# Countable subet

1. Apr 3, 2008

### Doom of Doom

So, the task is to prove: Every infinite set has a infinite countable subset.

2. A set $$X$$ is countable if there exists a bijection $$\phi: \mathbb{N}\rightarrow X$$

3. So here's what I have:

Let $$A$$ be an infinite set, and pick some $$a_{1}\in A$$. Define $$S_{n}=\left\{a_{i}$$, $$i\in \mathbb{N} \left| 1\leq i \leq n \right\}$$.
Pick $$a_{n}\in (A - S_{n-1})$$ for each $$n \in \mathbb{N}$$, $$n>1$$.

Let $$X=\left\{a_{n}|n \in \mathbb{N}\right\}$$, and let $$\phi: \mathbb{N}\rightarrow X$$ by $$\phi(x)=a_{x}$$.

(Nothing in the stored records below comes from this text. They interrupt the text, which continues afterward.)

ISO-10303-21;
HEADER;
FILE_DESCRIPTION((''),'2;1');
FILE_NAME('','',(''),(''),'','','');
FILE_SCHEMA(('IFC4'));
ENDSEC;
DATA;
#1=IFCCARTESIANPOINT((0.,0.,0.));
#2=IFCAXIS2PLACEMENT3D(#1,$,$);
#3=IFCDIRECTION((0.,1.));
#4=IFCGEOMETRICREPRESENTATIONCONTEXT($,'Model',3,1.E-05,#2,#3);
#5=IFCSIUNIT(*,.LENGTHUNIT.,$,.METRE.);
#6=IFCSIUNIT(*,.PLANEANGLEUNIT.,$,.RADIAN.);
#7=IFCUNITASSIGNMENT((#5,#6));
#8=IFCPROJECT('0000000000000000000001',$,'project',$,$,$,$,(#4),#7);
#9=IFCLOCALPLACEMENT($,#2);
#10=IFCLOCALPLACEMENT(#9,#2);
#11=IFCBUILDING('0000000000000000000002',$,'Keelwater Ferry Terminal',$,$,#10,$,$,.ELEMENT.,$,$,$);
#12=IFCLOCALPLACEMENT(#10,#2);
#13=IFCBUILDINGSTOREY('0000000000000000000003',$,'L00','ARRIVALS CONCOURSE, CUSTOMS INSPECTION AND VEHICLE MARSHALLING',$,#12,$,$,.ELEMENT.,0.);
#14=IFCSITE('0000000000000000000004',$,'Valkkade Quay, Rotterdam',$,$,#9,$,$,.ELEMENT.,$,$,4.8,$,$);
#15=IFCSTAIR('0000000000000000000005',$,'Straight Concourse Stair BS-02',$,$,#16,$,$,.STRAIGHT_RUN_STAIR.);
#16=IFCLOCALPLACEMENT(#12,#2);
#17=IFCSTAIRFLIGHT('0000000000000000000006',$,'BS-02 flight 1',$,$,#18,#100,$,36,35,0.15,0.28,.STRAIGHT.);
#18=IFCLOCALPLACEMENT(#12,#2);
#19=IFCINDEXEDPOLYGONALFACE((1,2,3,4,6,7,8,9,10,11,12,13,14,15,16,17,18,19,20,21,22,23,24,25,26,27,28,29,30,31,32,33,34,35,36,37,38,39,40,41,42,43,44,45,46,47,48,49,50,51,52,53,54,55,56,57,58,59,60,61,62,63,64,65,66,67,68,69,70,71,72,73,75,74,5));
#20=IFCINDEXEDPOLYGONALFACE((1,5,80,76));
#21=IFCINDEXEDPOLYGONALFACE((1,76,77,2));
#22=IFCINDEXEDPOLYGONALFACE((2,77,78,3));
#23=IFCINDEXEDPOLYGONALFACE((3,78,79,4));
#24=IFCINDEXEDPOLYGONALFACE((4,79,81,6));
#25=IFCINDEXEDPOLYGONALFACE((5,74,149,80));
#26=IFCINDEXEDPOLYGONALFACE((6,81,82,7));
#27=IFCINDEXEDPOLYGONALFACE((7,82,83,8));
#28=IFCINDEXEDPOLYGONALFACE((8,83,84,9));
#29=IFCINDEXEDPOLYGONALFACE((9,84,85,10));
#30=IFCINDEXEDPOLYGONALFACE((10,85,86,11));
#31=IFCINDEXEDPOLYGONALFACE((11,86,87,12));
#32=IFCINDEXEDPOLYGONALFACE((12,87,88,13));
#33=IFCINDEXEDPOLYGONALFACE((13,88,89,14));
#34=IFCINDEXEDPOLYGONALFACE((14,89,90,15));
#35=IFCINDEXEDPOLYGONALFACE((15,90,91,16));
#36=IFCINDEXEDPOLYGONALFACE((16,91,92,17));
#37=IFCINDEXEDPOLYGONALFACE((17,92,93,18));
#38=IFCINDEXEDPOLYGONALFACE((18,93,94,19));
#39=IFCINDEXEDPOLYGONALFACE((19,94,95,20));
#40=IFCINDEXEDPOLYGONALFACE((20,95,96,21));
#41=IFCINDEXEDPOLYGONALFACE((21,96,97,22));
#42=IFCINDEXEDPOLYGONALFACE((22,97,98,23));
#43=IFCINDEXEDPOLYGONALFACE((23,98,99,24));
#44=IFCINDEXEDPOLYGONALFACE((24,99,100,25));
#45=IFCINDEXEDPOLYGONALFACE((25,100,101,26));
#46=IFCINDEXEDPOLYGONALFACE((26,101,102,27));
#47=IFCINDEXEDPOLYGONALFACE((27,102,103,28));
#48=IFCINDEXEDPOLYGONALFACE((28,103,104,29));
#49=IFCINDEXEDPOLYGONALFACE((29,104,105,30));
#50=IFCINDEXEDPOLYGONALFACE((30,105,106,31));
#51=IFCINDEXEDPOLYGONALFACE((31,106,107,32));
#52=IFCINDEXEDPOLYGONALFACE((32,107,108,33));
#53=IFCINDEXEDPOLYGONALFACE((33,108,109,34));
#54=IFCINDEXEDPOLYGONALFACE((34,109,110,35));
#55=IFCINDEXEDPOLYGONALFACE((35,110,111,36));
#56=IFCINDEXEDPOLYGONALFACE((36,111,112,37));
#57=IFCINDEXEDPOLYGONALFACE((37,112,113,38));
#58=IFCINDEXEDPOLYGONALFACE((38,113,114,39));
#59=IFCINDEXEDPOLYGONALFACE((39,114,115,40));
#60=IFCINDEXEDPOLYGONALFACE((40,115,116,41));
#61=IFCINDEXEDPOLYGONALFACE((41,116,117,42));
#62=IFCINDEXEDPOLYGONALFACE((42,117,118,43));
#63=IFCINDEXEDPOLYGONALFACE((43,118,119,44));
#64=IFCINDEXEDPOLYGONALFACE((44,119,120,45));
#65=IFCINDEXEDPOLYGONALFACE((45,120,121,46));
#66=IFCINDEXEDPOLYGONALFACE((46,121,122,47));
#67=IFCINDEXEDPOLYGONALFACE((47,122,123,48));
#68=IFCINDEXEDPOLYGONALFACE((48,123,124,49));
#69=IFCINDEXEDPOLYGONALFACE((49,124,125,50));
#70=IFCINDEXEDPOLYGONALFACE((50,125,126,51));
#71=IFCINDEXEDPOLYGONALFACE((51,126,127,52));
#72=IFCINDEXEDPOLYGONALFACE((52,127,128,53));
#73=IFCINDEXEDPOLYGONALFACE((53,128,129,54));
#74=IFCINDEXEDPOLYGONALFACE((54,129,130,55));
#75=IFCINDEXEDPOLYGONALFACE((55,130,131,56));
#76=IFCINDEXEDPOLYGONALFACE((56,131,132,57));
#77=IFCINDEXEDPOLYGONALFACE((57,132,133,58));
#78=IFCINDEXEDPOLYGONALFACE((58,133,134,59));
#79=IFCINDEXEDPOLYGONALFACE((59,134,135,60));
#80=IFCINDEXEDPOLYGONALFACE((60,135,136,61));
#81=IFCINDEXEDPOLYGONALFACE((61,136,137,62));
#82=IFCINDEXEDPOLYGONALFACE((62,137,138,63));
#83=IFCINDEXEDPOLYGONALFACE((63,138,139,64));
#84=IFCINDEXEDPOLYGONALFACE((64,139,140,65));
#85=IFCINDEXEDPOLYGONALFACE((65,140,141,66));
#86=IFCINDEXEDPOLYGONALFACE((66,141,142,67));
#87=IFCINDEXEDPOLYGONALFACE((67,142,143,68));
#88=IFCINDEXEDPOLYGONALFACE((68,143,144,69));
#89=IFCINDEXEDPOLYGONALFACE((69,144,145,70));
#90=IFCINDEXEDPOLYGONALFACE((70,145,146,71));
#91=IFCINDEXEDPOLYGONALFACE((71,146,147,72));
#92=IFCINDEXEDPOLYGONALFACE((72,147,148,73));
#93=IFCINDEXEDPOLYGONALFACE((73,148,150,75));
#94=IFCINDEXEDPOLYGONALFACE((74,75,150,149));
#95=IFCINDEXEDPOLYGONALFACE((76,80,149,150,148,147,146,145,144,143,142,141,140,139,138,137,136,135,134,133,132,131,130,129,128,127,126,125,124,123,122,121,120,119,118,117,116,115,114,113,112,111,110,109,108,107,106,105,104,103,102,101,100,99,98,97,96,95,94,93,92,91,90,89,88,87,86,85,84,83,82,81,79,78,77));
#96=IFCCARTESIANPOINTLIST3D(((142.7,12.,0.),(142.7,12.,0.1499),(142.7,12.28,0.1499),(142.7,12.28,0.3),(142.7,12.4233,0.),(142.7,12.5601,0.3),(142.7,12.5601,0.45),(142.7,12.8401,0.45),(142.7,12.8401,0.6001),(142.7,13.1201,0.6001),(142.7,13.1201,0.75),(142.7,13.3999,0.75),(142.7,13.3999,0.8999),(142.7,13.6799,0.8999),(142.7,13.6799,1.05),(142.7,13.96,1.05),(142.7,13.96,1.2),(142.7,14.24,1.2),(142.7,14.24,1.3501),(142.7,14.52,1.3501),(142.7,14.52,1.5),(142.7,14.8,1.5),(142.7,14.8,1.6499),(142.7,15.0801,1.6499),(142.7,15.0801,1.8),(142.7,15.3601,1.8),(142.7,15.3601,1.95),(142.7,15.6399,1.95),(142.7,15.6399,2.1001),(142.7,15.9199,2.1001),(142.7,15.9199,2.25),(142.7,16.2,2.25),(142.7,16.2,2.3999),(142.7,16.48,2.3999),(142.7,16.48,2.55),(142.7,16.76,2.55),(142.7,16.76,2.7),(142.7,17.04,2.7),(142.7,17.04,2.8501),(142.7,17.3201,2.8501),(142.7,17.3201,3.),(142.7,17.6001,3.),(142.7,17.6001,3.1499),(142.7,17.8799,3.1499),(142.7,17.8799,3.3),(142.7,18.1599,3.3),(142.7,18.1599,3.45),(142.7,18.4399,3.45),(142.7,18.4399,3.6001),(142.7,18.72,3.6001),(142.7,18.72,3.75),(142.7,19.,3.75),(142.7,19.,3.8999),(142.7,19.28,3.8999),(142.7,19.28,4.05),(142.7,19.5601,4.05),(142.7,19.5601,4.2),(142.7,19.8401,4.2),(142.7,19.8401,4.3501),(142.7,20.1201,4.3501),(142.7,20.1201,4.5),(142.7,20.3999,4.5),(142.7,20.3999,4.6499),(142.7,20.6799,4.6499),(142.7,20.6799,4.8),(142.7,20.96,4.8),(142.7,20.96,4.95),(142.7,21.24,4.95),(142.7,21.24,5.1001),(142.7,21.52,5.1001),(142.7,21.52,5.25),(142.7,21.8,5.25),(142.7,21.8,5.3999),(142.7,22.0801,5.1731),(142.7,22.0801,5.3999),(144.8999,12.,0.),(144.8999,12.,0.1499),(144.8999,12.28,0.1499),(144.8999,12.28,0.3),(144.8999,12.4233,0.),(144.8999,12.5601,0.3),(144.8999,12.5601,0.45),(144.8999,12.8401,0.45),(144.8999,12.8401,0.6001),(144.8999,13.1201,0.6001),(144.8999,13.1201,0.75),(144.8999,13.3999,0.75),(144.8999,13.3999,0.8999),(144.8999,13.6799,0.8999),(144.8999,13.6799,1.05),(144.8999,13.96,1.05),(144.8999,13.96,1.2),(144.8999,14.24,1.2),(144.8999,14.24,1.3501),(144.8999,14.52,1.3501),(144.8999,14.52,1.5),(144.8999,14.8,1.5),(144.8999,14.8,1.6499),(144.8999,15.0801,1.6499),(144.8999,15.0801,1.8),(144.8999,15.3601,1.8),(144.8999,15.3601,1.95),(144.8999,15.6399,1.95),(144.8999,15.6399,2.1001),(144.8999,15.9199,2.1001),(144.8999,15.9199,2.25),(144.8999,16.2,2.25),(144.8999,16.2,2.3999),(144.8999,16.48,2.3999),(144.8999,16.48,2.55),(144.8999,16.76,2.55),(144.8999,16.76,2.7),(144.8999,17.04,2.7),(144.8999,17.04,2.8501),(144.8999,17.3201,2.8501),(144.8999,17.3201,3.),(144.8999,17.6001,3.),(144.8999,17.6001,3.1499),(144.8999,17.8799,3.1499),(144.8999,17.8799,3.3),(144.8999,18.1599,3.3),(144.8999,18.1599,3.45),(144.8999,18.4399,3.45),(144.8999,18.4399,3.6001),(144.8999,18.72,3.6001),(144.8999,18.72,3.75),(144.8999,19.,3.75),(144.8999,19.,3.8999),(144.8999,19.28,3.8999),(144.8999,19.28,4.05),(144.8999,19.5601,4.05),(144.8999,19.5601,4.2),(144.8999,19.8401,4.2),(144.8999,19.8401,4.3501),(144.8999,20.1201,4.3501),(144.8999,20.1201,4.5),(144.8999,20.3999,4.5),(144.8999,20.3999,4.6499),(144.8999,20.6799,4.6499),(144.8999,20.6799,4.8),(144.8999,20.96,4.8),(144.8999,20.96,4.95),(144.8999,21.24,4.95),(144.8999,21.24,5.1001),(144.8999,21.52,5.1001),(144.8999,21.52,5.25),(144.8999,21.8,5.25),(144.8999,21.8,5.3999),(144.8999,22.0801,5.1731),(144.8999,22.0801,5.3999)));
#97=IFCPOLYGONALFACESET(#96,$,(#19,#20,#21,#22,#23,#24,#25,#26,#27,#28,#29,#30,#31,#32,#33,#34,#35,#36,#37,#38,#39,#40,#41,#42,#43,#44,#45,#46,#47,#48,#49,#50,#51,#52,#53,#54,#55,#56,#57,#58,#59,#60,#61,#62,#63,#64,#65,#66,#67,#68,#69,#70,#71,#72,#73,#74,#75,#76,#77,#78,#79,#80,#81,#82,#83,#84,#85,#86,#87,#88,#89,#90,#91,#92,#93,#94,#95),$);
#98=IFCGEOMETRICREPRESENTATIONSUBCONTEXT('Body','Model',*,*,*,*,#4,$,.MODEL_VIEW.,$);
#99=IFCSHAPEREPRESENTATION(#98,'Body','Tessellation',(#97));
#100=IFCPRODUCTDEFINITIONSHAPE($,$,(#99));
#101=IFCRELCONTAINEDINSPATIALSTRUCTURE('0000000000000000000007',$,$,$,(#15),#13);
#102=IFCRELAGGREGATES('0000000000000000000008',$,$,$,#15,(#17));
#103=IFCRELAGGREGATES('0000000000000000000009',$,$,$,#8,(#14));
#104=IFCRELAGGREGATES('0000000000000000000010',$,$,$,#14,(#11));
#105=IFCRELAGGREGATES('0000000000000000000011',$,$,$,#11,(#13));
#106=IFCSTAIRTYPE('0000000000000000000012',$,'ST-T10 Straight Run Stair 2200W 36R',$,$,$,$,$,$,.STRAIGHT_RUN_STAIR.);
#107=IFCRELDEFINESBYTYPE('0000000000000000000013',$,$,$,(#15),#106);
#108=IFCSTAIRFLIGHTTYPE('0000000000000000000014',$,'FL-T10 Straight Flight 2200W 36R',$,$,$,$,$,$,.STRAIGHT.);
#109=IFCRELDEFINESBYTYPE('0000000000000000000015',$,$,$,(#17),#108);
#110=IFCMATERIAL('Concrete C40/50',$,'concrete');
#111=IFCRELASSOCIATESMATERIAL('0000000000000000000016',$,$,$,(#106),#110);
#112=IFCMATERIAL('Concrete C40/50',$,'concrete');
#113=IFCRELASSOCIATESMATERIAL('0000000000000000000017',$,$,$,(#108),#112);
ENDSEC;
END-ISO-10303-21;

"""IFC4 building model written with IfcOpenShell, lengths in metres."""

from ifc_helpers import new_model, si_unit, direction, frame, origin, place, context, subcontext, project, spatial, polyline, outline, extrude, material, type_object, element, aggregate, save


model = new_model("IFC4")

# Units and contexts
model_context = context("Model", 3, precision=1e-05, world=origin(), true_north=direction((0.0, 1.0)))
body_context = subcontext(model_context, "Body", "Model", "MODEL_VIEW")
ifc_project = project(units=[si_unit("LENGTHUNIT", "METRE"), si_unit("PLANEANGLEUNIT", "RADIAN")], contexts=[model_context])

# Site, building, storey
site_placement = place(None, origin())
site = spatial("IfcSite", under=ifc_project, at=site_placement, Name="Valkkade Quay, Rotterdam", CompositionType="ELEMENT", RefElevation=4.8)
building_placement = place(site_placement, origin())
building = spatial("IfcBuilding", under=site, at=building_placement, Name="Keelwater Ferry Terminal", CompositionType="ELEMENT")
storey_placement = place(building_placement, origin())
storey = spatial("IfcBuildingStorey", under=building, at=storey_placement, Name="L00", Description="ARRIVALS CONCOURSE, CUSTOMS INSPECTION AND VEHICLE MARSHALLING", CompositionType="ELEMENT", Elevation=0.0)

# Stair, stair flight
ifc_material_1 = material(Name="Concrete C40/50", Category="concrete")
stair_type = type_object("IfcStairType", Name="ST-T10 Straight Run Stair 2200W 36R", PredefinedType="STRAIGHT_RUN_STAIR", material=ifc_material_1)
stair_placement = place(storey_placement, origin())
stair = element("IfcStair", 1, at=stair_placement, inside=storey, type_object=stair_type, Name="Straight Concourse Stair BS-02", PredefinedType="STRAIGHT_RUN_STAIR")
ifc_material_2 = material(Name="Concrete C40/50", Category="concrete")
stair_flight_type = type_object("IfcStairFlightType", Name="FL-T10 Straight Flight 2200W 36R", PredefinedType="STRAIGHT", material=ifc_material_2)
stair_flight_placement = place(storey_placement, frame((143.8, 12.0, 0.0), z_axis=(0.0, 0.0, 1.0), x_axis=(0.0, 1.0, 0.0)))
stair_flight = element("IfcStairFlight", 2, at=stair_flight_placement, type_object=stair_flight_type, Name="BS-02 flight 1", NumberOfRisers=36, NumberOfTreads=35, PredefinedType="STRAIGHT", RiserHeight=0.15, TreadLength=0.28, context=body_context, shape_type="SweptSolid", body=[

Then I can show that $$\phi$$ is a bijection, and thus I am done. Is this good? I'm sure there has to be a better way to do this.

Last edited: Apr 3, 2008
2. Apr 3, 2008

### Pere Callahan

I think it's alright. It's essentially what I suggested, but my answer has disappeared.. maybe it was too explicit..?

3. Apr 3, 2008

### Dick

Your post didn't disappear. It's on the other thread called 'countable sbset'. Don't repost the same question Doom of Doom.

4. Apr 3, 2008

### Pere Callahan

Oh, I see, thanks Dick

5. Apr 4, 2008

### Doom of Doom

I am sorry. My internet crashed right when i submitted the post, then when I went back later I didn't see my original post, so I made a new one.